The S&P/ASX 200‘s three-day rally faces early pressure. The index has crawled up 45 points or 0.6 per cent since Friday, overcoming sharp initial declines over the last two sessions. Morning slumps, followed by afternoon recoveries have been a notable feature of trade over the last two weeks.

The market appears to have settled into a horizontal trading range. Traders have been willing to buy below 7500, taking profits whenever the index breaks above 7540. Today’s open may offer another opportunity to load up.

Big Tech offered the only haven in the US overnight. Industrials skidded 1.77 per cent, materials 0.65 per cent, energy 0.57 per cent and financials 0.57 per cent. Bond proxies such as utilities, real estate and consumer staples also declined.

Gold stocks followed metal prices lower. The NYSE Arca Gold Bugs Index sagged 2.89 per cent.

RBA Deputy Governor Guy Debelle is due to address an online conference tonight and will take questions. The event may be an opportunity for the bank to expand on the reasoning behind yesterday’s decision to reduce support for the economy during a contraction. The bank announced it would press ahead with previously-announced plans to reduce its weekly purchases of government bonds to $4 billion from $5 billion, but delay any further reduction until February.

Companies going ex-dividend today include Brambles, St Barbara, Blackmores, Seek and Medibank.  

The dollar fell 0.66 per cent to 73.87 US cents as the greenback firmed.

Commodities

A surge in yields and a strengthening greenback helped drive gold to its heaviest loss in roughly a month.

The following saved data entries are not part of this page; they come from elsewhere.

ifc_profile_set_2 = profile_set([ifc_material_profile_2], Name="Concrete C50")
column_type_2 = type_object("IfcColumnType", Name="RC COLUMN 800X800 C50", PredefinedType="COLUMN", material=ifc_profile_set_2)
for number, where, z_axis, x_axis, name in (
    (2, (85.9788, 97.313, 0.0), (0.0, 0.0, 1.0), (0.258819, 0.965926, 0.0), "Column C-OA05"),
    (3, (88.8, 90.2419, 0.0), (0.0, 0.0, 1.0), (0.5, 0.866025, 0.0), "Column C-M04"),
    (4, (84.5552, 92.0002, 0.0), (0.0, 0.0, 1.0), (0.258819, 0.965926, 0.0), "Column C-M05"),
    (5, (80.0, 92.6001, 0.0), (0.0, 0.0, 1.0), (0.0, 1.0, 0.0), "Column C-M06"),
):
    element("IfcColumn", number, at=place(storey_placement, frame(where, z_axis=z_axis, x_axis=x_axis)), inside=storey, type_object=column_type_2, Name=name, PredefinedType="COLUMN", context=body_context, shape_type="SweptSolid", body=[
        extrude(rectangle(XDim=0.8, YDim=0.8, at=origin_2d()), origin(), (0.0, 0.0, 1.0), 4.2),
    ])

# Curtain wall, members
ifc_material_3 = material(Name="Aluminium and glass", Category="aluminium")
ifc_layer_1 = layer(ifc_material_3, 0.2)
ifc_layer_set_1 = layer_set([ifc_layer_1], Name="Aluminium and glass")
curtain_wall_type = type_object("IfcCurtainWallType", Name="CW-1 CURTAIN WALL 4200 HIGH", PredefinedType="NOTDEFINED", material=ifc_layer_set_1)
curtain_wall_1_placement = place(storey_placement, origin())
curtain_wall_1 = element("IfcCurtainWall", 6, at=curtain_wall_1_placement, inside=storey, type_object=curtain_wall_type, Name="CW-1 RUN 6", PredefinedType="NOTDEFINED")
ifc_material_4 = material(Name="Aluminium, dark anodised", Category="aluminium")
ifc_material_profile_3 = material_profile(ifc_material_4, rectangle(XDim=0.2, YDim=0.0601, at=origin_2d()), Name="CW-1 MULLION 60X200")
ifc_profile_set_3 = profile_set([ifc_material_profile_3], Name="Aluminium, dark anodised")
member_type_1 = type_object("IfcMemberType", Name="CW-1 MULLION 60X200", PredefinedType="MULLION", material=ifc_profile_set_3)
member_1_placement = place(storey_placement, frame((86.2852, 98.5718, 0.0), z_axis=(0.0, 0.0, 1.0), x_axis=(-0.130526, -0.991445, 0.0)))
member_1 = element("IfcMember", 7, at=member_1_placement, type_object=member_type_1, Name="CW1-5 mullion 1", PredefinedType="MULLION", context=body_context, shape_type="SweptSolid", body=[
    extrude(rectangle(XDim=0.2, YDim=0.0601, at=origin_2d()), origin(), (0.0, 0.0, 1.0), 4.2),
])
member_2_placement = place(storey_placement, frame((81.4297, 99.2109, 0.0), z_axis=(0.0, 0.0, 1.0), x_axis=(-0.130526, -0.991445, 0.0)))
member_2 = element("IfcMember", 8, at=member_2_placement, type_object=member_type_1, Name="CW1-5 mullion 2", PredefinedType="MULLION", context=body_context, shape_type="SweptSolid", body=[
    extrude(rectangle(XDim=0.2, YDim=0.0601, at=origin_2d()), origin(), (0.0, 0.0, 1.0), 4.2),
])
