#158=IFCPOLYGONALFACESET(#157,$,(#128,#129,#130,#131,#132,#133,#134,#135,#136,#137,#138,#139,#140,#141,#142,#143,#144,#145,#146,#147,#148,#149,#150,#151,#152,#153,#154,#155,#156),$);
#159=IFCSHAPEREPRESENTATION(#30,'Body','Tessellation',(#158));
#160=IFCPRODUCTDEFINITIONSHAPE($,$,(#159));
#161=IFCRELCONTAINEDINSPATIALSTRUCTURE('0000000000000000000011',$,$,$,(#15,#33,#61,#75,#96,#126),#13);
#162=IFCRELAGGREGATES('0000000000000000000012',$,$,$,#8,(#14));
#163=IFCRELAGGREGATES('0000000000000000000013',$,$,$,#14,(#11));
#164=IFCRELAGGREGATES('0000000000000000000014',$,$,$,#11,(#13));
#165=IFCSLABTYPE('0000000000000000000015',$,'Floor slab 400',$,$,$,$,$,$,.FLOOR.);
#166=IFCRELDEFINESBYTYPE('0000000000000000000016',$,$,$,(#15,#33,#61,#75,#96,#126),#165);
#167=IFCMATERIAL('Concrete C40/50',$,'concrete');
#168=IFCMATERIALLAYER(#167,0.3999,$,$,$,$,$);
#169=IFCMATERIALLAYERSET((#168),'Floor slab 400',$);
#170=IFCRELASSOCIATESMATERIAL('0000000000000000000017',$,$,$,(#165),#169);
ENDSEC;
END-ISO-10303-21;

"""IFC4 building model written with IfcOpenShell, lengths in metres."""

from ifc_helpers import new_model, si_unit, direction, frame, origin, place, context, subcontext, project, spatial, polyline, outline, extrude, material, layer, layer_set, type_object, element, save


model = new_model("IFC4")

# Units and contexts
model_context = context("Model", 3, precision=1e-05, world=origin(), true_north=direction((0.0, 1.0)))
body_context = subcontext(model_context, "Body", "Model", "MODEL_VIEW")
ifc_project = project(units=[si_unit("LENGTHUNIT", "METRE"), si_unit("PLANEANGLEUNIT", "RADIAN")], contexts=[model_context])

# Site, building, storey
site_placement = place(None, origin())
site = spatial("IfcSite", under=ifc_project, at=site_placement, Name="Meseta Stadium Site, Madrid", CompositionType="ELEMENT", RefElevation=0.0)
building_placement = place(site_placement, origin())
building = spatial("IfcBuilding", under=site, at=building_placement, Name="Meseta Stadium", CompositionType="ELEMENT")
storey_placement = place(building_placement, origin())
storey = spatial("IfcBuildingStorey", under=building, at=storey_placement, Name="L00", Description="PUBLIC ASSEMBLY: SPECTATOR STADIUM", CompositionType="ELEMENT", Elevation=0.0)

Gold for December delivery settled US$35.20 or 1.9 per cent lower at US$1,798.50 an ounce.

Iron ore rebounded as Chinese buyers took advantage of the lowest prices in seven months. The spot price for ore landed at Tianjin rallied US$6.35 or 4.8 per cent to US$137.85 a tonne, recouping around half of Monday’s decline.

BHP‘s US-listed stock shed 1.68 per cent and its UK-listed stock 0.31 per cent. Rio Tinto lost 1.73 per cent in the US despite a 0.43 per cent bounce in the UK.

Oil added to Monday’s decline, which followed reports Saudi Arabia reduced crude prices for Asian customers. Brent crude settled 53 US cents or 0.7 per cent weaker at US$71.69 a barrel.

Aluminium surrendered ten-year highs as a stronger US dollar weighed on industrial metals. Benchmark aluminium on the London Metal Exchange eased 0.7 per cent to US$2,738.20 a tonne. Copper dropped 1.2 per cent, nickel 0.8 per cent, lead 0.8 per cent and tin 2.5 per cent. Zinc rose 1.2 per cent.